Last reviewed: 10 June 2026
ready for technical reviewCompetence and evidence
Short online fire door courses: what they do and do not evidence
Awareness and CPD can be useful — but a short certificate is rarely the whole competence picture.
Short online courses can be useful for awareness, terminology and continuing professional development. But a short course certificate should not be treated on its own as proof that someone can competently install, remediate, inspect or sign off fire doors.
Skills
A short online course usually does not show physical workmanship unless it includes observed practical assessment.
Knowledge
It may support basic or refresher knowledge, depending on content, assessment method and currency.
Experience
It does not replace relevant project experience, supervised work or audited records.
Behaviours
A responsible person or supplier should not overstate what a short course proves. Honest presentation of scope is part of good behaviour.
Why this matters
Certificates can use similar words — but they may evidence very different things.
Buyers may see certificates or marketing that use words like trained, certified, competent or qualified. Those words can mean different things depending on scope, assessment method and who completed the course.
The key question is not simply "is there a certificate?" but "what does this certificate actually evidence for this specific fire door task?"
Short online courses can be valuable as part of a wider evidence picture. They should be considered alongside practical skill, relevant experience, supervision, records and behaviours — not instead of them.
Key takeaway: A short course may support awareness or CPD — ask what practical evidence sits alongside it.
What a short online course may evidence
Short courses can play a useful role when scope is understood.

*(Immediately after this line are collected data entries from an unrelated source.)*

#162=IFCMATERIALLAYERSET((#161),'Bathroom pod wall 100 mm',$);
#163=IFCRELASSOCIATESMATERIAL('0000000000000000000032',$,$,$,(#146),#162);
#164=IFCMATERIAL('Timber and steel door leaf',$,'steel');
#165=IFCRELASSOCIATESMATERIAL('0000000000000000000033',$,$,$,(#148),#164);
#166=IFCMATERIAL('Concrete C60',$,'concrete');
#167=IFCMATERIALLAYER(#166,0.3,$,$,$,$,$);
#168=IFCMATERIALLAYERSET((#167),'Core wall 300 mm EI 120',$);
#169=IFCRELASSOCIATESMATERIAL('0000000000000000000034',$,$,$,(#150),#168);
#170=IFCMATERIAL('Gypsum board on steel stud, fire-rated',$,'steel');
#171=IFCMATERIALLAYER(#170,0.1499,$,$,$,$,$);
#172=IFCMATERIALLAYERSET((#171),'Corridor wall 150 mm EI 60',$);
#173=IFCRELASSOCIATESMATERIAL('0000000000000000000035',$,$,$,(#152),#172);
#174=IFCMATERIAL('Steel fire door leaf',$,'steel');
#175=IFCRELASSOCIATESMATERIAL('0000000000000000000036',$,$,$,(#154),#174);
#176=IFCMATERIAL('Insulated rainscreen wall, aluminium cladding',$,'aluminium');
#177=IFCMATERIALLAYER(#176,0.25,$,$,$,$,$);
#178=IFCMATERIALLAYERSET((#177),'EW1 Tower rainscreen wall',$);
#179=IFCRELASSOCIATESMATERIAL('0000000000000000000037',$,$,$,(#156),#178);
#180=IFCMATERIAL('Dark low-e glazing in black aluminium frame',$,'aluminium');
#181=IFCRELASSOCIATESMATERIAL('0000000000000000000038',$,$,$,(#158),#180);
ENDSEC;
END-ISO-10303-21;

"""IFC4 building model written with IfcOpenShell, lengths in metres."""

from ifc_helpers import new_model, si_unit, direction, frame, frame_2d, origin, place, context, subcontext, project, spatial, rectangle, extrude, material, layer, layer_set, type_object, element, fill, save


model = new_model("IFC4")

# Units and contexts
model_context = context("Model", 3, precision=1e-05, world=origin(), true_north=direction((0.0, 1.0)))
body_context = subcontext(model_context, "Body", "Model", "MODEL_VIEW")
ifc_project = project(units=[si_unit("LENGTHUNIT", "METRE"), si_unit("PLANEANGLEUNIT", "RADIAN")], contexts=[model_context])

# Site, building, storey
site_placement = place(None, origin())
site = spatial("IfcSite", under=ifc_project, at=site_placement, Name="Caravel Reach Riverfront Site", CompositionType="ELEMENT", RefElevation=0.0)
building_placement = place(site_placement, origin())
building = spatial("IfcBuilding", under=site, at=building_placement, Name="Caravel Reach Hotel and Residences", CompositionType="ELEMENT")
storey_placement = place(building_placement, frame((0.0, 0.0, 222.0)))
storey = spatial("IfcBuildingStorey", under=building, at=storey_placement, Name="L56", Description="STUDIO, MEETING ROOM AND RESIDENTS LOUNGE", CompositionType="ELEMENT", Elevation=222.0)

- Awareness of fire door terminology
- Basic understanding of components and purpose
- Awareness of legal and guidance context at an introductory level
- Awareness of common visible defects — with clear limits
- CPD interest or recent learning activity
- A starting point for non-specialists who need plain-English context
- Refresher awareness for people who do not physically carry out installation or remedial work
Key takeaway: These are awareness and knowledge supports — not automatic proof of site competence.
What a short online course does not normally evidence alone
Buyers should not treat a short certificate as proof of hands-on fire door competence.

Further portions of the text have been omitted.